THE National Railway Museum’s planned new circular Central Hall, which will link the two halves of the museum across Leeman Road, has been inspired by railway turntables, according to a detailed planning application which has now been submitted.

A design and access statement accompanying the application, prepared by Feilden Fowles Architects, says that the proposed hall ‘draws from the history of turntables and the geometrical beauty inherent to roundhouses’.

The hall will feature a gallery showcasing the latest innovations in rail technology, a café overlooking a new museum square, a shop, an event space and new visitor facilities.

It will also include a new ‘Wonderlab’, aimed at inspiring children to think like engineers using interactive exhibits and games.
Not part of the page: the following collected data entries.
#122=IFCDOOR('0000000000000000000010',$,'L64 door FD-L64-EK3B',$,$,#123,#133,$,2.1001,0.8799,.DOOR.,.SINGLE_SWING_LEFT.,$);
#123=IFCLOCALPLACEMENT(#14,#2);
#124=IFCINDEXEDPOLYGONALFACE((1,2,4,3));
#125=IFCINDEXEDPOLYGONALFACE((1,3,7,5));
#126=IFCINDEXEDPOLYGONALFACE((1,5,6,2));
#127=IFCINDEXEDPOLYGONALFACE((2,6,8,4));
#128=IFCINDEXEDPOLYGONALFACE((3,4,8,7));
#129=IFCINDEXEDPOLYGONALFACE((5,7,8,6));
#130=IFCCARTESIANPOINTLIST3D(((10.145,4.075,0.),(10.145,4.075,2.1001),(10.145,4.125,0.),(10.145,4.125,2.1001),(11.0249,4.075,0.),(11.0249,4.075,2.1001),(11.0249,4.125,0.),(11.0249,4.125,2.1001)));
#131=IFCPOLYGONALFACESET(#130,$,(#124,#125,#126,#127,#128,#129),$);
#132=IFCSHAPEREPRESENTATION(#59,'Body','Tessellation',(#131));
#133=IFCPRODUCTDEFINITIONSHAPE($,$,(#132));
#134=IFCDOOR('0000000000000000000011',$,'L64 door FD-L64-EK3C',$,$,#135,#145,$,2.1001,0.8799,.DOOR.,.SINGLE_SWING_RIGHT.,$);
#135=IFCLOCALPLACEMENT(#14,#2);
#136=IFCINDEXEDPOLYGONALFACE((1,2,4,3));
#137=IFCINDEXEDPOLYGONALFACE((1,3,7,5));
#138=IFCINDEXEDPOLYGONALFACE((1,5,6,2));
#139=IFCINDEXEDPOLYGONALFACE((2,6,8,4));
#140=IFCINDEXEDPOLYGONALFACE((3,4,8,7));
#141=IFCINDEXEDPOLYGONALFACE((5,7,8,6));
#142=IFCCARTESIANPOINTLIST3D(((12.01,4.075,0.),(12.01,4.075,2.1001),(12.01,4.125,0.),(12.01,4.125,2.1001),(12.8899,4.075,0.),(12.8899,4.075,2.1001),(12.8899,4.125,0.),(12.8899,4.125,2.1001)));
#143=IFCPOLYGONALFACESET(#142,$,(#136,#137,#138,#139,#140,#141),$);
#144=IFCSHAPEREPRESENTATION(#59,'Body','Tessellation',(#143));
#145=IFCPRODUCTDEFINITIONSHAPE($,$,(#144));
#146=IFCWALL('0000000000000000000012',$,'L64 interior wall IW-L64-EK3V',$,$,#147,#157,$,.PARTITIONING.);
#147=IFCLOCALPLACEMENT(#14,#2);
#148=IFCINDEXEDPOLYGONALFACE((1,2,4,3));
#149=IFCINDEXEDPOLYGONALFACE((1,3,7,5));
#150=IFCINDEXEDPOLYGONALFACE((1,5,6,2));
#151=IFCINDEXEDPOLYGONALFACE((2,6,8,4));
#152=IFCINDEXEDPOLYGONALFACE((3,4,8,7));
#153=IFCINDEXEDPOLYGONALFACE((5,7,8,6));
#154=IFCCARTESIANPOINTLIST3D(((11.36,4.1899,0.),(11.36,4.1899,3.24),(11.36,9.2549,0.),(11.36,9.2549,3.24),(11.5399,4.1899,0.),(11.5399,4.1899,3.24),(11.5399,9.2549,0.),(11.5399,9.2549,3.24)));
A first floor balcony running around the inside of the hall will offer views both towards the city centre and across the NRM site itself. "These high level views...will enable the visitor to gain an overview of the historic railway landscape for the first time,” the design and access statement says.

The new hall will aim to ‘provide a compelling welcome and arrival space that connects, rationalises, and integrates the museum … for the first time in its history', it adds.

The central hall will in future operate as the main entrance to the museum. There will be one entry from the new ‘Museum Square’ on what is now Leeman Road next to the Bullnose building, and a second northern entrance on the opposite side of the round hall.

It will be a "multisensory space, inviting movement... and prioritising social interaction as a central meeting point,” the design and access statement says. “The highly theatrical space is intended for further display of collection where possible, with a beautifully engineered roof structure overhead. It is hoped it will excite and stimulate the curiosity of visitors, (and serve as) a base from which to venture through one of five ‘portals’ to explore the vast collection beyond."

The number of cars is likely to increase as visitor numbers increase, the design and access statement concedes. Visitor parking will be in a planned multi storey car park, but museum staff and volunteers will no longer have free on site car parking.

New roads, footpaths and cycle routes installed as part of the wider York Central development, which should be completed before work on the central hall begins, will also make it easier to access the museum on foot or by bicycle, it is hoped.

Once work on these new routes is completed, Leeman Road where it passes between the two halves of the museum will be closed to allow work on the central hall to begin.

The current museum entrance will be demolished, as will the underpass connecting Station Hall and Great Hall and the ‘mess room’, a later extension to the Bullnose building.